Tu es aveugle à la logique des autres. Tu les vois se couvrir de leurs plus belles feuilles avant que tu ne comprennes que, déjà, le printemps est installé. Et quand, en fin, tu l'as saisi et as rejoint les rangs de la normalité, tu crains d'être à nouveau en retard. Alors, ton feuillage encore neuf, tu t'en débarrasses, croyant voir venir l'automne. Encore une fois, te voici reconnaissable parmi ceux que tu pensais tes semblables. Ressemblant, jamais pareil, tu finis par abandonner.

Tu es naïf et pense suivre le courant. Tu perçois les vibrations mais ne sais pas les interpréter. Il faut dire que tu portes tellement de mondes, en toi, qu'il t'est impossible de ne t'adapter qu'à un seul. Tu as raison, ce sont les autres qui sont aveugles. Toi, tu n'appartiens à aucun royaume, éternel étranger dans ces univers qui, pourtant, t'habitent.

Tu t'enracines en trois parties. La tête, où vont tes rêves, le coeur, où réside tes chez-toi, tous ces regards croisés et aimés, ces paysages investis et possédés, et les pieds qui ne cessent de fouler.

Près de ta première racine, une fontaine. S'y déverse les connaissances, les savoirs, les images éveillées, les imaginaires de Morphée. Tes neurones reliés à ces nuages liquides tu absorbes, assoiffé, les secrets des univers. Tu les as à portée, jamais dans ta main. Tes pensées s'y plantent, tâches de couleurs aux parfums réinventés, laissent sur ta langue un arrière-goût de pas assez.

La deuxième racine est rongée par une bête endormie. Effrayante et jalouse, elle s'apaise d'un sourire, suce la source de ta vie en souffle tes passions. Peut-elle encore produire des flammes ? Tu n'en es pas certain. Tu sais pourtant qu'elle est lovée contre toi, câline et envoûtante, s'éveillant en émotions toujours fulgurantes.

La dernière te relie au monde, au cycle de la vie. Elle est rencontre les autres, tisse des liens, s'égraine en secondes qui t'étirent vers d'autres lieux.

Toute ta vie les gens t'ont dit qu'il faut choisir un monde, choisir un temps, vivre dans le présent et ne pas se perdre dans tes propres cimes. Tu aimerais bien, vraiment. Mais tes pensées sont comparables à un écureuil qui court, court, dévale tes branches et embrouilles tes idées, dérange tes parterres, s'amusent à tout mélanger, sème l'anarchie pour que pousse tes rires. A son contact, tu n'as pas besoin de savoir si tu es sociable ou solitaire. Qui, des abeilles ou du vent, te permettront d'évoluer. Tu peux vivre seul ou entouré. Tu n'as pas, non-plu, besoin d'être genré. Tu peux te changer, mâle, femelle, porter tes filles ou tes fils, les deux. Tu n'as pas besoin de t'identifier. Nul ne peut t'étiqueter.
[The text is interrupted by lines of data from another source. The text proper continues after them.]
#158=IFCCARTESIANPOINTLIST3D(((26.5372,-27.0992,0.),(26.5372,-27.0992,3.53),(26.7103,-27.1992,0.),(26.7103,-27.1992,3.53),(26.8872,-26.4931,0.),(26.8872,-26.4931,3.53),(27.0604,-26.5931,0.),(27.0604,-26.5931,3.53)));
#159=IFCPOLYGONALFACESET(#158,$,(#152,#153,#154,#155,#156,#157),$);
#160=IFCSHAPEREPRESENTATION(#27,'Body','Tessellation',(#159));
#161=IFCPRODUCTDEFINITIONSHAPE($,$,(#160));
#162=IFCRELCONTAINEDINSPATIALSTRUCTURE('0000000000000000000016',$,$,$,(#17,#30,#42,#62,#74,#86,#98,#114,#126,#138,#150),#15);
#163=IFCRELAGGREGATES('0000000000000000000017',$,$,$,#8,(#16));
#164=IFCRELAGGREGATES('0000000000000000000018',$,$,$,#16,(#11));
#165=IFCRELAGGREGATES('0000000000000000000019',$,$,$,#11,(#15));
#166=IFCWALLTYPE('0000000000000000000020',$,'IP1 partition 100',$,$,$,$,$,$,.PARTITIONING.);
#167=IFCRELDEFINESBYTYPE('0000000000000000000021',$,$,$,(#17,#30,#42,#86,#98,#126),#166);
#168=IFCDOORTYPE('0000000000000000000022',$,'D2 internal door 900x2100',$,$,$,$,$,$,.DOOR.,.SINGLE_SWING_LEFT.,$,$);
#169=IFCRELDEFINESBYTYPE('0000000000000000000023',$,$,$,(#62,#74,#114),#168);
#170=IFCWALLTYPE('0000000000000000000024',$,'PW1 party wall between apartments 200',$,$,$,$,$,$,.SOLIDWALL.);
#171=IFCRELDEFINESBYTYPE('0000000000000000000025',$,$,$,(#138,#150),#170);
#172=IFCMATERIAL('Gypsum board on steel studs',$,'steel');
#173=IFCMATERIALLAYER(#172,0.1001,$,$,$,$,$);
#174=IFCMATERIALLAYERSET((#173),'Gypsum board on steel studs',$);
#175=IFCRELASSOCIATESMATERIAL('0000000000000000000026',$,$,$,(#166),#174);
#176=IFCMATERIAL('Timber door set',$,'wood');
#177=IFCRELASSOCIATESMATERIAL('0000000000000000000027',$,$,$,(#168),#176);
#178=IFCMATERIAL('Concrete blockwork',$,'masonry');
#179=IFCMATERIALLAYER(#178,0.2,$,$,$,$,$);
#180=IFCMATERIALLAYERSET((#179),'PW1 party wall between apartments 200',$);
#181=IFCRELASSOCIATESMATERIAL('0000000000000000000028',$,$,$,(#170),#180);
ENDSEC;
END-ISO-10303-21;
Comme tu n'as ni monde ni identité, comme tu es tel un funambule, toujours en équilibre imparfait, tu abrites les passants, les solitaires. Tu murmures la langue des oiseaux et c'est un aigle qui se perche sur ta branche. Il reconnaît en toi un compagnon, un allié. Tu lui transmets les messages du monde et une correspondance informe et aphone éclaircit vos idées.

Tu es une forêt d'entités. Tes fruits sans panache délaissés s'épaississent en lourdes grappes et tu n'en as cure. Tu es ailleurs, nulle part. Tu es pareille à un frêne, Saïph.